But according to the EPA’s own analysis, the increased air pollution could result in as many as 1,400 deaths per year by 2030 and 15,000 new cases of upper respiratory problems. Federal data has also shown that the air is getting dirtier: Last year had 15 percent more days with dirty air than the average between 2013 and 2016. And since the Clean Power Plan was proposed in 2014, the evidence that climate change will kill people has only mounted. The World Health Organization estimates that 250,000 people will die per year between 2030 and 2050.

But the Trump administration apparently doesn’t see the potential effects. “I think our CO2 output is either flat or down in a growing economy,” Trump’s Chief of Staff Mick Mulvaney said at Wednesday’s press conference. Carbon emissions, in fact, spiked in the U.S. last year.

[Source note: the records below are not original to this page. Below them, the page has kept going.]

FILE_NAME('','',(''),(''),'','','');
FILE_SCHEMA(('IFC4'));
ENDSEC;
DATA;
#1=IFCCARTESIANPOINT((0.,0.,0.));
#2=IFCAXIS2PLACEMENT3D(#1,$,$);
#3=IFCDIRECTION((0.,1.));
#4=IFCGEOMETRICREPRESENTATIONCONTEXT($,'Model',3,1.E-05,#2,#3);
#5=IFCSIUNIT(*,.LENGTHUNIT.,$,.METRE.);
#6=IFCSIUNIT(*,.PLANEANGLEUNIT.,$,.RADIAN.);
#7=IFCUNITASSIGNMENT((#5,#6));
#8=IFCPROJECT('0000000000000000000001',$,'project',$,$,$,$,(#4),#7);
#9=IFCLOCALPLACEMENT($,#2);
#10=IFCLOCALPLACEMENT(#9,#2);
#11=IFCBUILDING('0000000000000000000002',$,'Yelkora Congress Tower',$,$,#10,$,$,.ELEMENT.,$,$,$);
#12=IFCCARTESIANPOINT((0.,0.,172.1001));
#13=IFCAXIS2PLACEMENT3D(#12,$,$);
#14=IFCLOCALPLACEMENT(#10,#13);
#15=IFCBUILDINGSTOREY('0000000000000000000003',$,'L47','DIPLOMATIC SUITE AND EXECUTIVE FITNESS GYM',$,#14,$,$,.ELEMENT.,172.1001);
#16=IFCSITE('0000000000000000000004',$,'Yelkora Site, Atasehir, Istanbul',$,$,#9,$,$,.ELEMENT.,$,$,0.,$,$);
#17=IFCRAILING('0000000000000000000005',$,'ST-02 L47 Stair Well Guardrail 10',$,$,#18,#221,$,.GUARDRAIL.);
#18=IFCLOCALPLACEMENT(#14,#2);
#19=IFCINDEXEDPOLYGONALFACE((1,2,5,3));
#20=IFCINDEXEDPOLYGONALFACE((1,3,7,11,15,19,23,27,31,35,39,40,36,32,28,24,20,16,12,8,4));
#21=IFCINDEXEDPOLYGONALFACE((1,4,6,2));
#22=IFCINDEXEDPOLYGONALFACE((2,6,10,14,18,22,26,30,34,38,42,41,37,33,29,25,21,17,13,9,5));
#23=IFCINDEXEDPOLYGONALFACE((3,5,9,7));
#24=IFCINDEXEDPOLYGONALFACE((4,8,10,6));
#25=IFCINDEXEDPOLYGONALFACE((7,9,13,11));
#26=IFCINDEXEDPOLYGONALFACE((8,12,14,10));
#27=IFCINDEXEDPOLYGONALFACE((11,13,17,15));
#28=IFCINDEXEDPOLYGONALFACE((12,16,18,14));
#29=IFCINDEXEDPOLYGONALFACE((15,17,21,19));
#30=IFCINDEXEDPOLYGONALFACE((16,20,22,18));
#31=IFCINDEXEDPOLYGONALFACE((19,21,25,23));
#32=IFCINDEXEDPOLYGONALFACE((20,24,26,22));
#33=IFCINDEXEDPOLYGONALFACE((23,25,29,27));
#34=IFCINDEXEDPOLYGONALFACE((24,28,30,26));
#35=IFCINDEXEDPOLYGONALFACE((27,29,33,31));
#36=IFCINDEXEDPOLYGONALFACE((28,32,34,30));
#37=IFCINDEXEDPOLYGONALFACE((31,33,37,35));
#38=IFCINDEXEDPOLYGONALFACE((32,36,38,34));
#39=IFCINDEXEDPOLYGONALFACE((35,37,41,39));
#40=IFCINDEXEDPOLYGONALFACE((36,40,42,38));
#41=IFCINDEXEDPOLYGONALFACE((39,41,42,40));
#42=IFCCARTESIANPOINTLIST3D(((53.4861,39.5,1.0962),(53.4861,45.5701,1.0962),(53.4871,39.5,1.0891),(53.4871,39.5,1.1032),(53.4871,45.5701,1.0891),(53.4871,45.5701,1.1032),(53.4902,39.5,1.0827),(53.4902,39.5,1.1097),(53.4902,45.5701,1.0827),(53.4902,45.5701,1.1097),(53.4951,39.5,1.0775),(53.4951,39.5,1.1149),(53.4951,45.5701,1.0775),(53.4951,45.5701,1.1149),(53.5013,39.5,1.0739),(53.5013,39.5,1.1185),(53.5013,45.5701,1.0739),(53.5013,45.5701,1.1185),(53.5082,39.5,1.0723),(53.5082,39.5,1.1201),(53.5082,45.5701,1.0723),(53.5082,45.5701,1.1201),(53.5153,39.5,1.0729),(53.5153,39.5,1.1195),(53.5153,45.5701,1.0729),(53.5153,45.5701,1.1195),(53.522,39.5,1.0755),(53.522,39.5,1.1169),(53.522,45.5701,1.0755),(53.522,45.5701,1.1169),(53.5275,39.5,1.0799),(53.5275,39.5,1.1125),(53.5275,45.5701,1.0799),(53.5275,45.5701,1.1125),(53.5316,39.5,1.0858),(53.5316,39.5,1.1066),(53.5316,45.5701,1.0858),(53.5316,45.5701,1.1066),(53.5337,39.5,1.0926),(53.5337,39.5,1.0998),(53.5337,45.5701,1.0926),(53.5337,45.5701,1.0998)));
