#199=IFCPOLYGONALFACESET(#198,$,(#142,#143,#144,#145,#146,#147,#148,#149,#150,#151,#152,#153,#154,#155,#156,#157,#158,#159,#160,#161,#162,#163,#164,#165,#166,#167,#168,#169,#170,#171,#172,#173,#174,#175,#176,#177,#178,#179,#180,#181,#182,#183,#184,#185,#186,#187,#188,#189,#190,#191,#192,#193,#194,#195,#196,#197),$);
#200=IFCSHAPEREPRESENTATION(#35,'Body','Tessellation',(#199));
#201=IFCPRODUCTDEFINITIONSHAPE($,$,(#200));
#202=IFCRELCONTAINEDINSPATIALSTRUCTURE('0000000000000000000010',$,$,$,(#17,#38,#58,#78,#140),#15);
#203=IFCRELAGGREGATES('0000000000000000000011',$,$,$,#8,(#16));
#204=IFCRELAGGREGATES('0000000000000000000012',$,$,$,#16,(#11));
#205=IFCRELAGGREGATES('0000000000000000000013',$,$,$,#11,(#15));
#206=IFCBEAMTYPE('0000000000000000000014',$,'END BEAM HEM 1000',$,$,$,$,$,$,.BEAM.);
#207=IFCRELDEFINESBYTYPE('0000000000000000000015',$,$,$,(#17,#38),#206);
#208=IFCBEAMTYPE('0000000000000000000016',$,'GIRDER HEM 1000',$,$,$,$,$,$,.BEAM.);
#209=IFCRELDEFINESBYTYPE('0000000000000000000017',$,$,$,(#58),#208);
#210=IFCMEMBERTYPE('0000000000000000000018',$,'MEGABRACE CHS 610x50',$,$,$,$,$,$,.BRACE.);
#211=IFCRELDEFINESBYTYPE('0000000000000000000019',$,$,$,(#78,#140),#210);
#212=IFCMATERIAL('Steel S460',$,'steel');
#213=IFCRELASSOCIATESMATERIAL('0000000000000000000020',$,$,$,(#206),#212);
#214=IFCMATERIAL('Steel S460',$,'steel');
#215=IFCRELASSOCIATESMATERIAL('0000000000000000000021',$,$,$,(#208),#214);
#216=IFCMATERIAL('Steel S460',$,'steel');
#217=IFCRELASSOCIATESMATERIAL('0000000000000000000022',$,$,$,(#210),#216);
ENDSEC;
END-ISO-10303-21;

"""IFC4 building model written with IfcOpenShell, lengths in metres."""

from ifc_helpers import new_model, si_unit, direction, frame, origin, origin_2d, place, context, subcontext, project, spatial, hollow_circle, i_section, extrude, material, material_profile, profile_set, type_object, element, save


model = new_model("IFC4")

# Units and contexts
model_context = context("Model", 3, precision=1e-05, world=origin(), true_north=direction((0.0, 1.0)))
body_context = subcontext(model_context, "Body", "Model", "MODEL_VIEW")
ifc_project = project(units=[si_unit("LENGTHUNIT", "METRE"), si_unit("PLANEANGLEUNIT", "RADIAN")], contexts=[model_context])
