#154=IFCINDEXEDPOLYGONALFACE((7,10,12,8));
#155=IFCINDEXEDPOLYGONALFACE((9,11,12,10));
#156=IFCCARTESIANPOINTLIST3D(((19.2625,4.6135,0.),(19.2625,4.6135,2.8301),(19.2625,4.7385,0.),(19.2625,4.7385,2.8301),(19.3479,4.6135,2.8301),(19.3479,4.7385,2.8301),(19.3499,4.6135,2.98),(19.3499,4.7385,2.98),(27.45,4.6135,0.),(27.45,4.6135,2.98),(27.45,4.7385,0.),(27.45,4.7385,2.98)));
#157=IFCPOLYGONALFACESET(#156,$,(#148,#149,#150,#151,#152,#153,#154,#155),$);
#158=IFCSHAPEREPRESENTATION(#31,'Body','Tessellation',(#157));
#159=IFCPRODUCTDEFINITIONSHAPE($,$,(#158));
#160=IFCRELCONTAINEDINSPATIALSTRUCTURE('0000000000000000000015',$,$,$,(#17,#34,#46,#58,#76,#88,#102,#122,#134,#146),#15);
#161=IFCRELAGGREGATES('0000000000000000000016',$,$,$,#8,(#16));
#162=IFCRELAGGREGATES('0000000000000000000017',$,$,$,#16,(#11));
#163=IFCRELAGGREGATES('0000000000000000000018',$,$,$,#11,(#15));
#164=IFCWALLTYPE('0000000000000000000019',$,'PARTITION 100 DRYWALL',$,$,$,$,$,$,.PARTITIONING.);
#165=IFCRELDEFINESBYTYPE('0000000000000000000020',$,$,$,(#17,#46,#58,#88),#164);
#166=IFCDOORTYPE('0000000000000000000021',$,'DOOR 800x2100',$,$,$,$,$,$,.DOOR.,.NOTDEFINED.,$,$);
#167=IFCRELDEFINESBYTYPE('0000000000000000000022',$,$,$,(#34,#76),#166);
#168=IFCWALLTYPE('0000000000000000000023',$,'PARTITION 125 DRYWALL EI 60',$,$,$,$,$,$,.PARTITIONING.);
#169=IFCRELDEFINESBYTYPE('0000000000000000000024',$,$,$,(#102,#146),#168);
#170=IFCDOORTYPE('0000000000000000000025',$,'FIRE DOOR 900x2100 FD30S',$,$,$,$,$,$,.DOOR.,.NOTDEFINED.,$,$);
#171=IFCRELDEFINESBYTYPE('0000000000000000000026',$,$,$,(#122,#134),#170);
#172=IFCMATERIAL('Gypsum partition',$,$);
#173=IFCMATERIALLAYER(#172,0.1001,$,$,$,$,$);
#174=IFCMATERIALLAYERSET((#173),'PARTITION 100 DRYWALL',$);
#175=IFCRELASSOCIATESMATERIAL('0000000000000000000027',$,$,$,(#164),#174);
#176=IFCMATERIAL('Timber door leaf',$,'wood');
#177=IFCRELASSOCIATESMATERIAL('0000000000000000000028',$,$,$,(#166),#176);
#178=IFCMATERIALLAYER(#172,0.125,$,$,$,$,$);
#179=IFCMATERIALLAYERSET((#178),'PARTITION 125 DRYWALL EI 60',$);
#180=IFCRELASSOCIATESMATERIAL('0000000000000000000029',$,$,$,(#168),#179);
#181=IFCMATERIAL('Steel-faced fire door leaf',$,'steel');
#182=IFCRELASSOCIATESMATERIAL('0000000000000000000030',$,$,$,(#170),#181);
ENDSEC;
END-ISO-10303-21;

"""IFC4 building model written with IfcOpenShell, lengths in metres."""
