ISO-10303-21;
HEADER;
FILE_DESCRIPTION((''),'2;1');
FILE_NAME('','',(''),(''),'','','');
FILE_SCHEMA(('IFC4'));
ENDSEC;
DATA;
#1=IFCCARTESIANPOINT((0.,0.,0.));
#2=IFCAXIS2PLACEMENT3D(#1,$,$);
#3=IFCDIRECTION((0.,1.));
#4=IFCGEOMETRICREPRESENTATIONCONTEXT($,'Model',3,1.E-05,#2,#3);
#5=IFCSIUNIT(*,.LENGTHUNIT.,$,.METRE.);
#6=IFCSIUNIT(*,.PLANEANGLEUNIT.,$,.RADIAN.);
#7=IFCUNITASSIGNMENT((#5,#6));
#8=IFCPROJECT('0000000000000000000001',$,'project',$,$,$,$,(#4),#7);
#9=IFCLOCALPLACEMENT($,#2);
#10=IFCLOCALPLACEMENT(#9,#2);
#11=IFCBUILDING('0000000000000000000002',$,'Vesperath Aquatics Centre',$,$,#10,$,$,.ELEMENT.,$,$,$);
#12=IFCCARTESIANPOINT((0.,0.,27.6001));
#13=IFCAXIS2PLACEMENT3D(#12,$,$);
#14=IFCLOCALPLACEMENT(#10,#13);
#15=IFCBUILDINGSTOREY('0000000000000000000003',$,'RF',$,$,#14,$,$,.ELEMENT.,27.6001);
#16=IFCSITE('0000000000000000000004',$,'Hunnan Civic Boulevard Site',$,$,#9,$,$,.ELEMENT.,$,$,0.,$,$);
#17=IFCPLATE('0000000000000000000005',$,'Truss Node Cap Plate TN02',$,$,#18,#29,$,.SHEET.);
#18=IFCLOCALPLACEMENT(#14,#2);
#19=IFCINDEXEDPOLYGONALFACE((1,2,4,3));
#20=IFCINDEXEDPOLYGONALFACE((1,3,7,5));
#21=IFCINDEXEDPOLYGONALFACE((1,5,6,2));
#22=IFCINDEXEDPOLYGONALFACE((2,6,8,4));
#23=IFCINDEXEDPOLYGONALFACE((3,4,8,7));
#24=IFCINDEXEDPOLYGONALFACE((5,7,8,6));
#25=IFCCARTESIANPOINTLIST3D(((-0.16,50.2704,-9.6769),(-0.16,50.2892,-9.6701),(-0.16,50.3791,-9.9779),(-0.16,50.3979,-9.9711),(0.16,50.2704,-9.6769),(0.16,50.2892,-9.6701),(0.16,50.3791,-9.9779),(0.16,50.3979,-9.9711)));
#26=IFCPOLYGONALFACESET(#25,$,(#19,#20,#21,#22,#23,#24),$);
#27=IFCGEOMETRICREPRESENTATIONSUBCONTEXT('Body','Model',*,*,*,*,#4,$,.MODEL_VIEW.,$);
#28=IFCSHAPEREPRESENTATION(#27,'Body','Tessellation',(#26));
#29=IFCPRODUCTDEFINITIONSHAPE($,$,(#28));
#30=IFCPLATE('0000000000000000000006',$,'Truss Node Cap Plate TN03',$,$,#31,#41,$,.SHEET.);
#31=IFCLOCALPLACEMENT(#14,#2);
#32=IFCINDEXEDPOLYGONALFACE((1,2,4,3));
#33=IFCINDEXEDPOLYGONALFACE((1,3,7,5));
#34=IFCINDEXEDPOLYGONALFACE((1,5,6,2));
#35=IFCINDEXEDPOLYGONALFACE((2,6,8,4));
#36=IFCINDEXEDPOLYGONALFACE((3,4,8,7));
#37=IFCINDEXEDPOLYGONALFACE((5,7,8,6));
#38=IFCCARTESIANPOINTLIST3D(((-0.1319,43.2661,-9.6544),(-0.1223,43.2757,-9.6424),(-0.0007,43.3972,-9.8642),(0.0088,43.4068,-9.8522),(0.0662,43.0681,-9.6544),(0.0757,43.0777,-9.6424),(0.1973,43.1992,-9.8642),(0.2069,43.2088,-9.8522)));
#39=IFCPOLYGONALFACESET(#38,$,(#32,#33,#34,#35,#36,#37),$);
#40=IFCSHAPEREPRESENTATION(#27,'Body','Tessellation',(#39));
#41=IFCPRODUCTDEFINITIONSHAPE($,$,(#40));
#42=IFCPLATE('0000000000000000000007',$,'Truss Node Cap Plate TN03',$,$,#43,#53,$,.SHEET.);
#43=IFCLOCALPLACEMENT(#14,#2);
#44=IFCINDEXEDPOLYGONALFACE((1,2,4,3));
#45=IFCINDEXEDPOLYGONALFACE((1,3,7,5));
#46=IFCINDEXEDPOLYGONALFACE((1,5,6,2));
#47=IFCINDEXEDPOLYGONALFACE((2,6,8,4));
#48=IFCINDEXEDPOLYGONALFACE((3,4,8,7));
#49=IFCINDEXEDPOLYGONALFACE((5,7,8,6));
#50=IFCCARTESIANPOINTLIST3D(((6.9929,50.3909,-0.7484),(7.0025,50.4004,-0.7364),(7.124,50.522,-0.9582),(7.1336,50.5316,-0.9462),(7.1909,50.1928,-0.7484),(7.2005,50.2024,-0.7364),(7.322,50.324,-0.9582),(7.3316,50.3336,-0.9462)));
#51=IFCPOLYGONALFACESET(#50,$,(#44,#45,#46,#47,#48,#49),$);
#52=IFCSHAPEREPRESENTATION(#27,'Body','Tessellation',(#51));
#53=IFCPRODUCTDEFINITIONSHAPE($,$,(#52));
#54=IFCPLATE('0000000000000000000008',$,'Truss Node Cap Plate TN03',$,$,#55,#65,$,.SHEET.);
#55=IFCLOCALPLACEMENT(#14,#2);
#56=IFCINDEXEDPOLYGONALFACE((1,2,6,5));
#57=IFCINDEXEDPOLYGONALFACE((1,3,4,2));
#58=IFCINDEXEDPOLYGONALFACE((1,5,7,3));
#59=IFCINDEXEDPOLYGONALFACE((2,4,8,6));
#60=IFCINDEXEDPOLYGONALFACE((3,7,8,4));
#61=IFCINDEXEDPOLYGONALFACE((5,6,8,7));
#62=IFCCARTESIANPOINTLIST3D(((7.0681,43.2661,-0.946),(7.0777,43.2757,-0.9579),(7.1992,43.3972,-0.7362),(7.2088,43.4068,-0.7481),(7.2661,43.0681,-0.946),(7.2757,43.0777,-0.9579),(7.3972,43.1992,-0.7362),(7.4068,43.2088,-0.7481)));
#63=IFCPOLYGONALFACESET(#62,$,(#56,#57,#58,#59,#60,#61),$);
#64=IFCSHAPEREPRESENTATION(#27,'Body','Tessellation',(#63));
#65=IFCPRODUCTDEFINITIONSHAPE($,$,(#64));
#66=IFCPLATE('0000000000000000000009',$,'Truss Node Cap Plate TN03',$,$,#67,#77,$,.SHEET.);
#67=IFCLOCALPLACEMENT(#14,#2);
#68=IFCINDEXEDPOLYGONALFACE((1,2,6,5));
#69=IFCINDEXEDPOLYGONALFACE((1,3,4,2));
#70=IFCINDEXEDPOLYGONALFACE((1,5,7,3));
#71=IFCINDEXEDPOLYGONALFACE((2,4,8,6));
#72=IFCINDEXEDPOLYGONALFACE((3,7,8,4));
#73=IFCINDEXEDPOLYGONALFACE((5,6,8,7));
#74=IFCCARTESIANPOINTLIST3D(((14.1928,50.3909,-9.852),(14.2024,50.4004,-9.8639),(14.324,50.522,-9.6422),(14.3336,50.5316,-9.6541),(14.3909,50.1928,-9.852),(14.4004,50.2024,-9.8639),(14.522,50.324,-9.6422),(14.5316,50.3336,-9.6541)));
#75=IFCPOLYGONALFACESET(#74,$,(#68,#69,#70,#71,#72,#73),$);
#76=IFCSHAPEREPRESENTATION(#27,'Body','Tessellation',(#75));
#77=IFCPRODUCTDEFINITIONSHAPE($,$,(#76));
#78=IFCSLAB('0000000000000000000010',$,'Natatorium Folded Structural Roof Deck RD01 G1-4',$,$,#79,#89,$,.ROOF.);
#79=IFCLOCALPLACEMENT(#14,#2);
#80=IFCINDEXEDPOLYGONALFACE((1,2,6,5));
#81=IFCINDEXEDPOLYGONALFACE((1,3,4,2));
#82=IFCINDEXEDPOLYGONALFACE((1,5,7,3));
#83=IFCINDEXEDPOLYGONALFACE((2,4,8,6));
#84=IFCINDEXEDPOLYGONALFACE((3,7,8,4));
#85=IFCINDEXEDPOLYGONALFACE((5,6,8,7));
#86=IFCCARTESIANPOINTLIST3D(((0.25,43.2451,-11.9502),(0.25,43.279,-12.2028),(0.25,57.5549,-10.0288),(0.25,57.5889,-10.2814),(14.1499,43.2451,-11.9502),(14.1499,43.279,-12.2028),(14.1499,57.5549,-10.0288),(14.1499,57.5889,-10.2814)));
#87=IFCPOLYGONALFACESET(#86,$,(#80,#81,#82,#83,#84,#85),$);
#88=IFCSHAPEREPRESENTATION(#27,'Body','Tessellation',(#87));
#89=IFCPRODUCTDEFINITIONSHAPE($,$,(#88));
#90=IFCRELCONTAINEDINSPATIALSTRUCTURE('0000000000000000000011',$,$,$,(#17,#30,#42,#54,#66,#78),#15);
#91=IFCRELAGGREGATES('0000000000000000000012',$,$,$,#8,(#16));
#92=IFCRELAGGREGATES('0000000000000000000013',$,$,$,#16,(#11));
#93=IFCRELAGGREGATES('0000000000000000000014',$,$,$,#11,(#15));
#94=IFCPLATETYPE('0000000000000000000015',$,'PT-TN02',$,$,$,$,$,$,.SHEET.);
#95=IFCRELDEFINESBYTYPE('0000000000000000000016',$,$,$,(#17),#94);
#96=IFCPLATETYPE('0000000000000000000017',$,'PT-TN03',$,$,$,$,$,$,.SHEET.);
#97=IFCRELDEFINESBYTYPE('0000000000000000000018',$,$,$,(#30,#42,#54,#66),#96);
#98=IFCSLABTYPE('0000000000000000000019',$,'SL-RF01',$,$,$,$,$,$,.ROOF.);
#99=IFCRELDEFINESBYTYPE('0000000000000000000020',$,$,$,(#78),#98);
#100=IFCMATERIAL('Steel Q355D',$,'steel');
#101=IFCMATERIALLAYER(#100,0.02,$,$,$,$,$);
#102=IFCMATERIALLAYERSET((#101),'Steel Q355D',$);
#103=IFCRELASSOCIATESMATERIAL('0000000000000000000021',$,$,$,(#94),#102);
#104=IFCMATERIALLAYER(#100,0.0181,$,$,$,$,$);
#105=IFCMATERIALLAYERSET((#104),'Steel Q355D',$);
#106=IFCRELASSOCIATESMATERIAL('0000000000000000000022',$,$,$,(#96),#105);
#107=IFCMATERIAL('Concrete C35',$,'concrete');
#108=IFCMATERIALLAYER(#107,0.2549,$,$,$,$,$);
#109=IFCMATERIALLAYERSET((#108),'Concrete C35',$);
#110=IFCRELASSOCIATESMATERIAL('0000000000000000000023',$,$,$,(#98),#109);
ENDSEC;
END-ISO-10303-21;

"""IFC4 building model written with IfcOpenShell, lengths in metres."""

from ifc_helpers import new_model, si_unit, direction, frame, origin, origin_2d, place, context, subcontext, project, spatial, polyline, rectangle, outline, extrude, material, layer, layer_set, type_object, element, save


model = new_model("IFC4")

# Units and contexts
model_context = context("Model", 3, precision=1e-05, world=origin(), true_north=direction((0.0, 1.0)))
body_context = subcontext(model_context, "Body", "Model", "MODEL_VIEW")
ifc_project = project(units=[si_unit("LENGTHUNIT", "METRE"), si_unit("PLANEANGLEUNIT", "RADIAN")], contexts=[model_context])

# Site, building, storey
site_placement = place(None, origin())
site = spatial("IfcSite", under=ifc_project, at=site_placement, Name="Hunnan Civic Boulevard Site", CompositionType="ELEMENT", RefElevation=0.0)
building_placement = place(site_placement, origin())
building = spatial("IfcBuilding", under=site, at=building_placement, Name="Vesperath Aquatics Centre", CompositionType="ELEMENT")
storey_placement = place(building_placement, frame((0.0, 0.0, 27.6001)))
storey = spatial("IfcBuildingStorey", under=building, at=storey_placement, Name="RF", CompositionType="ELEMENT", Elevation=27.6001)

# Shared definitions
ifc_material_1 = material(Name="Steel Q355D", Category="steel")

# Plates
ifc_layer_1 = layer(ifc_material_1, 0.02)
ifc_layer_set_1 = layer_set([ifc_layer_1], Name="Steel Q355D")
plate_type_1 = type_object("IfcPlateType", Name="PT-TN02", PredefinedType="SHEET", material=ifc_layer_set_1)
for number, where, z_axis, x_axis, name in (
    (1, (0.0, 50.3247, -9.8274), (0.0, 0.940554, 0.339644), (-1.0, 0.0, 0.0), "Truss Node Cap Plate TN02"),
):
    element("IfcPlate", number, at=place(storey_placement, frame(where, z_axis=z_axis, x_axis=x_axis)), inside=storey, type_object=plate_type_1, Name=name, PredefinedType="SHEET", context=body_context, shape_type="SweptSolid", body=[
        extrude(rectangle(XDim=0.3201, YDim=0.3201, at=origin_2d()), origin(), (0.0, 0.0, 1.0), 0.02),
    ])
ifc_layer_2 = layer(ifc_material_1, 0.0181)
ifc_layer_set_2 = layer_set([ifc_layer_2], Name="Steel Q355D")
plate_type_2 = type_object("IfcPlateType", Name="PT-TN03", PredefinedType="SHEET", material=ifc_layer_set_2)
for number, where, z_axis, x_axis, name in (
    (2, (0.0327, 43.2327, -9.7593), (0.529813, 0.529813, 0.662266), (-0.707107, 0.707107, 0.0), "Truss Node Cap Plate TN03"),
    (3, (7.1575, 50.3574, -0.8533), (0.529813, 0.529813, 0.662266), (-0.707107, 0.707107, 0.0), "Truss Node Cap Plate TN03"),
    (4, (7.2327, 43.2327, -0.8411), (0.529813, 0.529813, -0.662266), (-0.707107, 0.707107, 0.0), "Truss Node Cap Plate TN03"),
    (5, (14.3574, 50.3574, -9.7471), (0.529813, 0.529813, -0.662266), (-0.707107, 0.707107, 0.0), "Truss Node Cap Plate TN03"),
):
    element("IfcPlate", number, at=place(storey_placement, frame(where, z_axis=z_axis, x_axis=x_axis)), inside=storey, type_object=plate_type_2, Name=name, PredefinedType="SHEET", context=body_context, shape_type="SweptSolid", body=[
        extrude(rectangle(XDim=0.28, YDim=0.28, at=origin_2d()), origin(), (0.0, 0.0, 1.0), 0.0181),
    ])

# Slab
ifc_material_2 = material(Name="Concrete C35", Category="concrete")
ifc_layer_3 = layer(ifc_material_2, 0.2549)
ifc_layer_set_3 = layer_set([ifc_layer_3], Name="Concrete C35")
slab_type = type_object("IfcSlabType", Name="SL-RF01", PredefinedType="ROOF", material=ifc_layer_set_3)
slab_placement = place(storey_placement, frame((0.25, 43.2451, -11.9502), z_axis=(0.0, -0.133076, 0.991106), x_axis=(1.0, 0.0, 0.0)))
element("IfcSlab", 6, at=slab_placement, inside=storey, type_object=slab_type, Name="Natatorium Folded Structural Roof Deck RD01 G1-4", PredefinedType="ROOF", context=body_context, shape_type="SweptSolid", body=[
    extrude(outline(polyline([(0.0, 0.0), (13.8999, 0.0), (13.8999, 14.4382), (0.0, 14.4382), (0.0, 0.0)])), origin(), (0.0, 0.0, -1.0), 0.2549),
])

save(model, "model.ifc")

Trump has repeatedly promised to bring back “beautiful, clean coal” and announced he’d replace the Clean Power Plan shortly after he took office. Although the administration might prefer to scrap Obama’s rule altogether and not come up with a replacement, officials can’t do that. The EPA is required to regulate climate-heating carbon emissions, which the agency has defined as a pollutant. The administration can weaken the Obama-era rule, but the EPA has to put forward some sort of regulation on carbon emissions.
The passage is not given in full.